Ich habe da ein kleines aber ziemlich nervendes Problem mit meinem KDE Desktop auf dem Laptop und hoffentlich kann mir einer von euch dabei helfen denn Dr. Google konnte es nicht.

Da mir die Desktopsymbole gefehlt haben stellte ich das "Layout" unter "Arbeitsflächen-Einstellungen" auf "Ordner-Ansicht" um was auch super funktionierte, zumindest bis zum logout.
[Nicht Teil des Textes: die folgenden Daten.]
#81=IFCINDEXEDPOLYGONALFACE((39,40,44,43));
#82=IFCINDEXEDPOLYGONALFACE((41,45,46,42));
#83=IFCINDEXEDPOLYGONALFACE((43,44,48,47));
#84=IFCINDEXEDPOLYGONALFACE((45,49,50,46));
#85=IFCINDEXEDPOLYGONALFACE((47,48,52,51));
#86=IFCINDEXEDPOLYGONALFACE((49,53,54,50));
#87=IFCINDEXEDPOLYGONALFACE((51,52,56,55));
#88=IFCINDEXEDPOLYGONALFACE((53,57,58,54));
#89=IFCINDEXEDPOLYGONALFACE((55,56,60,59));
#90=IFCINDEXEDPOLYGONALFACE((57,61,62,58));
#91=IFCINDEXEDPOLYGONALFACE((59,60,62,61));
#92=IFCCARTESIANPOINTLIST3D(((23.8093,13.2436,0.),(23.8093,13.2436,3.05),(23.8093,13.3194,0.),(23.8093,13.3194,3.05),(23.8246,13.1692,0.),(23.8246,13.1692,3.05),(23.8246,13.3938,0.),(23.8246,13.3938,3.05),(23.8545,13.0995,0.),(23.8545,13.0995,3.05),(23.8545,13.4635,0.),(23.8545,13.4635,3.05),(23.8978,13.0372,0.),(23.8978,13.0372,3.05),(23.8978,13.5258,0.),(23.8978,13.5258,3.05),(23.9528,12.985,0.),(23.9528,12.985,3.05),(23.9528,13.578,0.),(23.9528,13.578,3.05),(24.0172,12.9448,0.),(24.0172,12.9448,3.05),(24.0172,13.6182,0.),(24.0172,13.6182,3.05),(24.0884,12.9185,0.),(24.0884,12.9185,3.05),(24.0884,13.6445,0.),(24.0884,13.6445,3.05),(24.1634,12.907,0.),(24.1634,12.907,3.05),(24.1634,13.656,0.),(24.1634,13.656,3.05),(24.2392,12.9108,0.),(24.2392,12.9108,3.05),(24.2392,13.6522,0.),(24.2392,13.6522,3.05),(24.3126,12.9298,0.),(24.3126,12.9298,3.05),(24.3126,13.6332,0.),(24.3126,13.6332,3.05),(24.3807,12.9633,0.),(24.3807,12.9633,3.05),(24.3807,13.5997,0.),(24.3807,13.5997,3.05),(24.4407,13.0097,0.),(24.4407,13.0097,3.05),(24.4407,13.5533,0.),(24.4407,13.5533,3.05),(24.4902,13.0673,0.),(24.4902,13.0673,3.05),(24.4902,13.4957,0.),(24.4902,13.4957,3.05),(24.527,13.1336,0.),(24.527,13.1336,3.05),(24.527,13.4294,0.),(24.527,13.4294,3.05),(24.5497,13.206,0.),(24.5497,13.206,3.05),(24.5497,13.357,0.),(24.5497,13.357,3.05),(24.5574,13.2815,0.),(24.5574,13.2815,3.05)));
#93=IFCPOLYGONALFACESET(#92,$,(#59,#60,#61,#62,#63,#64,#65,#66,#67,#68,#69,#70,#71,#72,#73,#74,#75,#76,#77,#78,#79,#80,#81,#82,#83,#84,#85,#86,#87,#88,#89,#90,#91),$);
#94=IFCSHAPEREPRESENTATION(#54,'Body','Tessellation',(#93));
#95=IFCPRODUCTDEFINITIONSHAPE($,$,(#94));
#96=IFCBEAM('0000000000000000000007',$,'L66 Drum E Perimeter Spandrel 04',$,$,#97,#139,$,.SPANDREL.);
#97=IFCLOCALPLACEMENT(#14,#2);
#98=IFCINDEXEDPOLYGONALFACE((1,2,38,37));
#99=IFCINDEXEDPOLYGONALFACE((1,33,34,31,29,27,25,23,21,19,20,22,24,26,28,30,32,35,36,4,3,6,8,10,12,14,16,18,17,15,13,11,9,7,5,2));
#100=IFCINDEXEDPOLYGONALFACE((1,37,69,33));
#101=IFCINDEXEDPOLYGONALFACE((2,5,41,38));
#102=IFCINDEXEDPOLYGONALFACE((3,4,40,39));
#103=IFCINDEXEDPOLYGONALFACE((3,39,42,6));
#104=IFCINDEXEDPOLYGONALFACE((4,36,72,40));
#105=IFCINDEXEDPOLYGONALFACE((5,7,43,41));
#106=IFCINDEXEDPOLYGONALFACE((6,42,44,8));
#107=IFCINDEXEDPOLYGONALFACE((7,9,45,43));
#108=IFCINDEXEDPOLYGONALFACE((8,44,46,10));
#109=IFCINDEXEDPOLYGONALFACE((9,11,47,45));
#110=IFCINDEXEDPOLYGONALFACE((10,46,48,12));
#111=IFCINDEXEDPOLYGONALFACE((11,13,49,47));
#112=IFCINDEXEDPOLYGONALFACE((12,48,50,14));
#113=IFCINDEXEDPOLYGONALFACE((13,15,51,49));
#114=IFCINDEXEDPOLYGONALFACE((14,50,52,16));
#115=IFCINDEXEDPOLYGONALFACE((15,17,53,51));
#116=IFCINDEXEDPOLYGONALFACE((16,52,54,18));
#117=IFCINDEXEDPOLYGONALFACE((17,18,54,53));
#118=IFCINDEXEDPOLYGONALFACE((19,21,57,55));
Nach einem erneuten einloggen bleibt die Einstellung selbst zwar drin aber die Symbole sind dennoch weg dafür sehe ich aber am rechten Bildschirmrand eine Scrollleiste doch egal ob ich diese nach unten oder nach oben verschiebe die Symbole sind einfach weg. Erst wenn ich das "Layout" auf etwas anderes einstelle und dann wieder zur "Ordner-Ansicht" zurück gehe kommen die Symbole wieder zum Vorschein und die Scrollleiste verschwindet.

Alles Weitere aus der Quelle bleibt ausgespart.